4. Check the supervisor status from druid-broker pod:

k -n nsxi-platform get pods | grep druid-broker
druid-broker-678c997b89-j4lkc                 1/1     Running     1 (4d19h ago)   9d

k -n nsxi-platform exec -it <druid-broker-pod-name from above command output> -- curl "https://druid-router:8280/druid/indexer/v1/supervisor/<unhealty-supervisor-name>/status" -k

Example response:

{"id":"pace2druid_policy_intent_config","generationTime":"2025-02-19T21:24:27.486Z","payload":{"dataSource":"pace2druid_policy_intent_config","stream":"pace2druid_policy_intent_config","partitions":1,"replicas":1,"durationSeconds":600,"activeTasks":[{"id":"index_kafka_pace2druid_policy_intent_config_da0cf7cde99f4fb_elgecccp","startingOffsets":{"0":18},"startTime":"2025-02-19T21:15:50.983Z","remainingSeconds":83,"type":"ACTIVE","currentOffsets":{"0":18},"lag":{"0":0}}],"publishingTasks":[],"latestOffsets":{"0":18},"minimumLag":{"0":0},"aggregateLag":0,"offsetsLastUpdated":"2025-02-19T21:23:59.556Z","suspended":false,"healthy":true,"state":"UNHEALTHY_SUPERVISOR","detailedState":"UNHEALTHY_SUPERVISOR","recentErrors":[]}}

5. Check the state and detailedState field from the response.
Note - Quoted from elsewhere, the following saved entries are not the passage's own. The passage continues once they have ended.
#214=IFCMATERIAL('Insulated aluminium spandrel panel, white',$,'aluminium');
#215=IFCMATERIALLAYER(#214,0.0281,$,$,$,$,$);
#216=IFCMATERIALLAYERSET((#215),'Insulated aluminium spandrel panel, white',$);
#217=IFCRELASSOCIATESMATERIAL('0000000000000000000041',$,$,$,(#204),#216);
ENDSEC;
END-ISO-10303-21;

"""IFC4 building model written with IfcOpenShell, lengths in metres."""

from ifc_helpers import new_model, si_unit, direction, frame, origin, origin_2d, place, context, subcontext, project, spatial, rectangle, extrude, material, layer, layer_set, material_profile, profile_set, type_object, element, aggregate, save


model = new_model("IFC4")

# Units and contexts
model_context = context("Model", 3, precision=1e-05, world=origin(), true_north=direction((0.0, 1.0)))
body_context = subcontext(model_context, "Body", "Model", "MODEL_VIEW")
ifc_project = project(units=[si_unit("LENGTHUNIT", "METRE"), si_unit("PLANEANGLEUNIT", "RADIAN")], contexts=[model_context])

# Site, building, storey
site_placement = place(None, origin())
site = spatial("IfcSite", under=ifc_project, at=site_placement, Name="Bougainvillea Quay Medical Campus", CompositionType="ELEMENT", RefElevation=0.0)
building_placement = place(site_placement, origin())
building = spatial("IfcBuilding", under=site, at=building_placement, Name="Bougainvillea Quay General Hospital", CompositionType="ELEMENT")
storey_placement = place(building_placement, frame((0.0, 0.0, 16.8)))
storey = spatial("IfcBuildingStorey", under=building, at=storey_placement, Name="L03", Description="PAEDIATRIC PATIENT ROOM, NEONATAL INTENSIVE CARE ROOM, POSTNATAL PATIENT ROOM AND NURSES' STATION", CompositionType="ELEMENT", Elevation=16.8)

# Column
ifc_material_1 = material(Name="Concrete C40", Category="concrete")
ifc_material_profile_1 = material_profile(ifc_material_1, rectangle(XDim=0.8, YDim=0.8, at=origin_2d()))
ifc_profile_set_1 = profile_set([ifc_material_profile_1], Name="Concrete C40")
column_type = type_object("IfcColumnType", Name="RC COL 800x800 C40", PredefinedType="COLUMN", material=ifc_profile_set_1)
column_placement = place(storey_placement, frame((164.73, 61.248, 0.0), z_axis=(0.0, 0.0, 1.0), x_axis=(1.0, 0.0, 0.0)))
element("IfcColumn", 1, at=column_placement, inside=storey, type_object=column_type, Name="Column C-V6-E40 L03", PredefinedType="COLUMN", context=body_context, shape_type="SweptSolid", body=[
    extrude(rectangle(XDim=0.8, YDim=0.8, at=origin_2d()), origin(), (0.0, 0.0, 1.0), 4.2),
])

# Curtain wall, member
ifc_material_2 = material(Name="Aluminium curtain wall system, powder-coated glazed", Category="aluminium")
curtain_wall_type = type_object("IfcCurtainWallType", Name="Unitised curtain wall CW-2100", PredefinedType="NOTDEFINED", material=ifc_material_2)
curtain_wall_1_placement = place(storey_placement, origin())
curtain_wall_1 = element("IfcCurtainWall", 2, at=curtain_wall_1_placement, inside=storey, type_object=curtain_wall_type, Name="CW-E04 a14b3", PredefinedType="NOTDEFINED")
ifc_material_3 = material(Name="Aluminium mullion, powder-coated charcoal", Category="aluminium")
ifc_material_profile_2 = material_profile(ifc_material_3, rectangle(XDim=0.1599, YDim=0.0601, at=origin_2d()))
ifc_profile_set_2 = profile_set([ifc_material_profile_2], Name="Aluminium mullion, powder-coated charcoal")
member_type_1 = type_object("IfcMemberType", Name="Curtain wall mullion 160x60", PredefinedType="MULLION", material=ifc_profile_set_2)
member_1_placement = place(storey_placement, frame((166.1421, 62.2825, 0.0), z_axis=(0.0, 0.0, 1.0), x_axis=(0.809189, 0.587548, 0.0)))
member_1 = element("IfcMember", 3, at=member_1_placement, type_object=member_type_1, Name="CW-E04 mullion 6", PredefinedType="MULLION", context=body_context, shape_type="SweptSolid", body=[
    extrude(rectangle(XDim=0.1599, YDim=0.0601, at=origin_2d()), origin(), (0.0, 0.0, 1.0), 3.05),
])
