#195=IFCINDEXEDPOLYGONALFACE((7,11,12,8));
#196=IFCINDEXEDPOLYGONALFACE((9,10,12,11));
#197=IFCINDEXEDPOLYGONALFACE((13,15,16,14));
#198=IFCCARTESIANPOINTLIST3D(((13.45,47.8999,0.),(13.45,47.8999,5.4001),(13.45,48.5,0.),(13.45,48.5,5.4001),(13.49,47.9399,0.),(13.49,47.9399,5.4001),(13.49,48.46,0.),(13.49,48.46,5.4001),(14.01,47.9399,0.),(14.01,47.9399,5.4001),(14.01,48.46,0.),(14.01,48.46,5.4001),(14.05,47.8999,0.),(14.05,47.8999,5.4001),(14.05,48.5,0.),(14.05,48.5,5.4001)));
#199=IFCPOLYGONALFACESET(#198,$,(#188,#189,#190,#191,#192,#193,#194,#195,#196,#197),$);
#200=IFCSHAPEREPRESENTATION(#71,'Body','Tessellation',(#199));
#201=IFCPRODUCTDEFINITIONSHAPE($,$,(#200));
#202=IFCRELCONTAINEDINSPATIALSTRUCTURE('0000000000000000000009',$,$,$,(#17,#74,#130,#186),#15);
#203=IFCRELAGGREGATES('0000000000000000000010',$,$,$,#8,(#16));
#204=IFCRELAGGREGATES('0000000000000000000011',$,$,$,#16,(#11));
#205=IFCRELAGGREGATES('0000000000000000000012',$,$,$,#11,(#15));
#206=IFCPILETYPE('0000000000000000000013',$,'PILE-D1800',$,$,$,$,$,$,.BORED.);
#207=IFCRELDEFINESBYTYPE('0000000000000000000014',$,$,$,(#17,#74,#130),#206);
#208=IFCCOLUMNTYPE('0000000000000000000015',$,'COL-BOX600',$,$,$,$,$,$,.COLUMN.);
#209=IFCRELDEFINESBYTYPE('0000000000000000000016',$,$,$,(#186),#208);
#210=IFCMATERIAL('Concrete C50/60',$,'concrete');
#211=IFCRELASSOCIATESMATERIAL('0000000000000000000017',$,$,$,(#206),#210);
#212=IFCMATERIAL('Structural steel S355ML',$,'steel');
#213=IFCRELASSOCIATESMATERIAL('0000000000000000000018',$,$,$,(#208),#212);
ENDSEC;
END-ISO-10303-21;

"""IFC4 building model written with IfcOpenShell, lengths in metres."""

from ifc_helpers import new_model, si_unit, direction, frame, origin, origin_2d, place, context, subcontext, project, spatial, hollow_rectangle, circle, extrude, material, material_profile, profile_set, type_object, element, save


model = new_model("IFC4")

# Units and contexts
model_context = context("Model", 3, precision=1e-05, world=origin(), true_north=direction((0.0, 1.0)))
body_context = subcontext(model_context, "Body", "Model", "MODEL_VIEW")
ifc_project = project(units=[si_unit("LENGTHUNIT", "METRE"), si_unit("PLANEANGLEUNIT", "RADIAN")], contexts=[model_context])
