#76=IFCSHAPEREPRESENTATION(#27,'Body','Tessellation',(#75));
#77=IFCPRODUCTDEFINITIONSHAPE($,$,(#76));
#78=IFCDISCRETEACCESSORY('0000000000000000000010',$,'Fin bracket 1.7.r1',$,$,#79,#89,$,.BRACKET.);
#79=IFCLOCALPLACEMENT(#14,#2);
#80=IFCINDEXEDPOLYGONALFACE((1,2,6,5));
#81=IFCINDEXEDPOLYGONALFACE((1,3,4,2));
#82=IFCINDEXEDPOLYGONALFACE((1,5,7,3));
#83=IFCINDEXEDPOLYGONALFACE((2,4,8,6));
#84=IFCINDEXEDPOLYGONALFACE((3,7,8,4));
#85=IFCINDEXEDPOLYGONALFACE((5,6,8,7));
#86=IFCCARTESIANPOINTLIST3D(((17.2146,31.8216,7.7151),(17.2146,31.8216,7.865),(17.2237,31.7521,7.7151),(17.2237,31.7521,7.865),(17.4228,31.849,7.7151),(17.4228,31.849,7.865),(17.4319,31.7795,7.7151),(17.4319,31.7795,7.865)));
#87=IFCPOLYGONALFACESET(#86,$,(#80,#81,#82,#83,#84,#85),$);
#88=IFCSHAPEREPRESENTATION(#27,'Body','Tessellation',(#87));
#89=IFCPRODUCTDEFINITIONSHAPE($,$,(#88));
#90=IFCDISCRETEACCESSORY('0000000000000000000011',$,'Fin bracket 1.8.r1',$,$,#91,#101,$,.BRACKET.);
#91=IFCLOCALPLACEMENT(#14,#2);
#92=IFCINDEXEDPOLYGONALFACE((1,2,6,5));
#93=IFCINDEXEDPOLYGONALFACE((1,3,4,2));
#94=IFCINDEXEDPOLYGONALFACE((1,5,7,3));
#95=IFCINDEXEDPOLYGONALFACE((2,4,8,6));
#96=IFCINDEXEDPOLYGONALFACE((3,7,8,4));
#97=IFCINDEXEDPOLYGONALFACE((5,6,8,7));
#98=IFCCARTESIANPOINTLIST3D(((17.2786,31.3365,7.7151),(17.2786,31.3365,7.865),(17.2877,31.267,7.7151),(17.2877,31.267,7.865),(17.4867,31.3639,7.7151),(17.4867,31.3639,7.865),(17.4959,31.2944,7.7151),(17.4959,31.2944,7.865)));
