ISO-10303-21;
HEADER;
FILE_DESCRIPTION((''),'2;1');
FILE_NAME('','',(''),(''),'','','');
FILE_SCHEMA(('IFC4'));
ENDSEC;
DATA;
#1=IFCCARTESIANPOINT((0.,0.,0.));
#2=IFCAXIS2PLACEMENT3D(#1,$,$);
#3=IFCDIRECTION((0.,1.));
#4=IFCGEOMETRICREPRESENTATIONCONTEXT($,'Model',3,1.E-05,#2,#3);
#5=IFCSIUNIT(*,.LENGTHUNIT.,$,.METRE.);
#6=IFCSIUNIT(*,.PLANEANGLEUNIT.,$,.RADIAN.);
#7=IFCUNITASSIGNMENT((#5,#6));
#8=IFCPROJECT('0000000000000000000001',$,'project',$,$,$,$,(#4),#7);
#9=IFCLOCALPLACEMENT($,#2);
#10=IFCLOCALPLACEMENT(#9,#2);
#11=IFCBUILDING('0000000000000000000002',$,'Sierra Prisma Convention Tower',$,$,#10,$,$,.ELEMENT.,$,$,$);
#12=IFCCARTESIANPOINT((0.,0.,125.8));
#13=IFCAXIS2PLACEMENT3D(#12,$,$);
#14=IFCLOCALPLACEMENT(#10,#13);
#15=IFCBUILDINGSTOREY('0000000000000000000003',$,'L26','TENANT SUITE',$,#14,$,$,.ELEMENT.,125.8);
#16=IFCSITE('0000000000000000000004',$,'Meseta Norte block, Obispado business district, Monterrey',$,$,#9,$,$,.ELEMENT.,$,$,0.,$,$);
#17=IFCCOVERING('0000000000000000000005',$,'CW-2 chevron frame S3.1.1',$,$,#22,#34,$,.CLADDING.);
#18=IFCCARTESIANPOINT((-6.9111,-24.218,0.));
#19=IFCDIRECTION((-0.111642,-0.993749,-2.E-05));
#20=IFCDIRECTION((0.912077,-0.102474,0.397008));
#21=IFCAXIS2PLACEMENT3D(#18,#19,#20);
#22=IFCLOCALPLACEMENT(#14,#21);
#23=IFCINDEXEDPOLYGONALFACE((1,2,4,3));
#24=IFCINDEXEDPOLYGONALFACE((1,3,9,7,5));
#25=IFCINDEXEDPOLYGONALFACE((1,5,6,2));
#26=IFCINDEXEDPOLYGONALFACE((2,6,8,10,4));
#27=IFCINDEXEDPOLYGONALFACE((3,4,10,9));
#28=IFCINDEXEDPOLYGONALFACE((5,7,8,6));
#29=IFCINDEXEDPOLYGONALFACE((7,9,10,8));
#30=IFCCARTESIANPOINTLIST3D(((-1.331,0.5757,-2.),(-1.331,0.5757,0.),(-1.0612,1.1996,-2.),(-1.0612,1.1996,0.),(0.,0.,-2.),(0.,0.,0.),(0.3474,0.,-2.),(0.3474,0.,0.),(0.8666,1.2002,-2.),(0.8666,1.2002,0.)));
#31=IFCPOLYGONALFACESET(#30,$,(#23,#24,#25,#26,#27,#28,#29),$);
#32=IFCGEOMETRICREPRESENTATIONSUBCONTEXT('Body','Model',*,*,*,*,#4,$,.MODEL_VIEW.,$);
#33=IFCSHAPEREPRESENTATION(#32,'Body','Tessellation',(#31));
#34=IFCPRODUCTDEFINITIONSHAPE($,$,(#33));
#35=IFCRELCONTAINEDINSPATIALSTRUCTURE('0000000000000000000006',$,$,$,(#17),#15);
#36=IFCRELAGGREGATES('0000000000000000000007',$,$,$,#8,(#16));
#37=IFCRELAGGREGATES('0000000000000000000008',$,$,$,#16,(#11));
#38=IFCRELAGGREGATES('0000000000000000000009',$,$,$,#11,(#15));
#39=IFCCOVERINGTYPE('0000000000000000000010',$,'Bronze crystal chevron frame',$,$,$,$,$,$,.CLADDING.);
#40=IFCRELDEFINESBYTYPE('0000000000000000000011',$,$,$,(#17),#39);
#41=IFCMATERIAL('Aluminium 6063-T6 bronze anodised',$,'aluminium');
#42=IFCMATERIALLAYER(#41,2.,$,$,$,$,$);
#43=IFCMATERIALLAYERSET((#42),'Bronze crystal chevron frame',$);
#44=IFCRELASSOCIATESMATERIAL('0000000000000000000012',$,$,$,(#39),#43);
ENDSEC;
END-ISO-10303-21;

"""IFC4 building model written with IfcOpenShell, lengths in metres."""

from ifc_helpers import new_model, si_unit, direction, frame, origin, place, context, subcontext, project, spatial, polyline, outline, extrude, material, layer, layer_set, type_object, element, save


model = new_model("IFC4")

# Units and contexts
model_context = context("Model", 3, precision=1e-05, world=origin(), true_north=direction((0.0, 1.0)))
body_context = subcontext(model_context, "Body", "Model", "MODEL_VIEW")
ifc_project = project(units=[si_unit("LENGTHUNIT", "METRE"), si_unit("PLANEANGLEUNIT", "RADIAN")], contexts=[model_context])

# Site, building, storey
site_placement = place(None, origin())
site = spatial("IfcSite", under=ifc_project, at=site_placement, Name="Meseta Norte block, Obispado business district, Monterrey", CompositionType="ELEMENT", RefElevation=0.0)
building_placement = place(site_placement, origin())
building = spatial("IfcBuilding", under=site, at=building_placement, Name="Sierra Prisma Convention Tower", CompositionType="ELEMENT")
storey_placement = place(building_placement, frame((0.0, 0.0, 125.8)))
storey = spatial("IfcBuildingStorey", under=building, at=storey_placement, Name="L26", Description="TENANT SUITE", CompositionType="ELEMENT", Elevation=125.8)

# Covering
ifc_material_1 = material(Name="Aluminium 6063-T6 bronze anodised", Category="aluminium")
ifc_layer_1 = layer(ifc_material_1, 2.0)
ifc_layer_set_1 = layer_set([ifc_layer_1], Name="Bronze crystal chevron frame")
covering_type = type_object("IfcCoveringType", Name="Bronze crystal chevron frame", PredefinedType="CLADDING", material=ifc_layer_set_1)
covering_1_placement = place(storey_placement, frame((-6.9111, -24.218, 0.0), z_axis=(-0.111642, -0.993749, -0.00002), x_axis=(0.912077, -0.102474, 0.397008)))
element("IfcCovering", 1, at=covering_1_placement, inside=storey, type_object=covering_type, Name="CW-2 chevron frame S3.1.1", PredefinedType="CLADDING", context=body_context, shape_type="SweptSolid", body=[
    extrude(outline(polyline([(0.0, 0.0), (0.3474, 0.0), (0.8666, 1.2002), (-1.0612, 1.1996), (-1.331, 0.5757), (0.0, 0.0)])), origin(), (0.0, 0.0, -1.0), 2.0),
])

save(model, "model.ifc")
If both field values are "UNHEALTHY_SUPERVISOR", Follow the Resolution section to reset the unhealthy supervisor.

Environment

SSP 5.0.0

Cause

Druid failed to unregister some of the supervisors, when a terminate all supervisors command is issued, probably because the druid coordinator pod is not fully up at the beginning of deployment. Druid failed to register the new supervisor because the old one hasn't unregistered.

Resolution

This is a known issue affecting SSP deployment, open a support ticket with Broadcom to resolve the issue.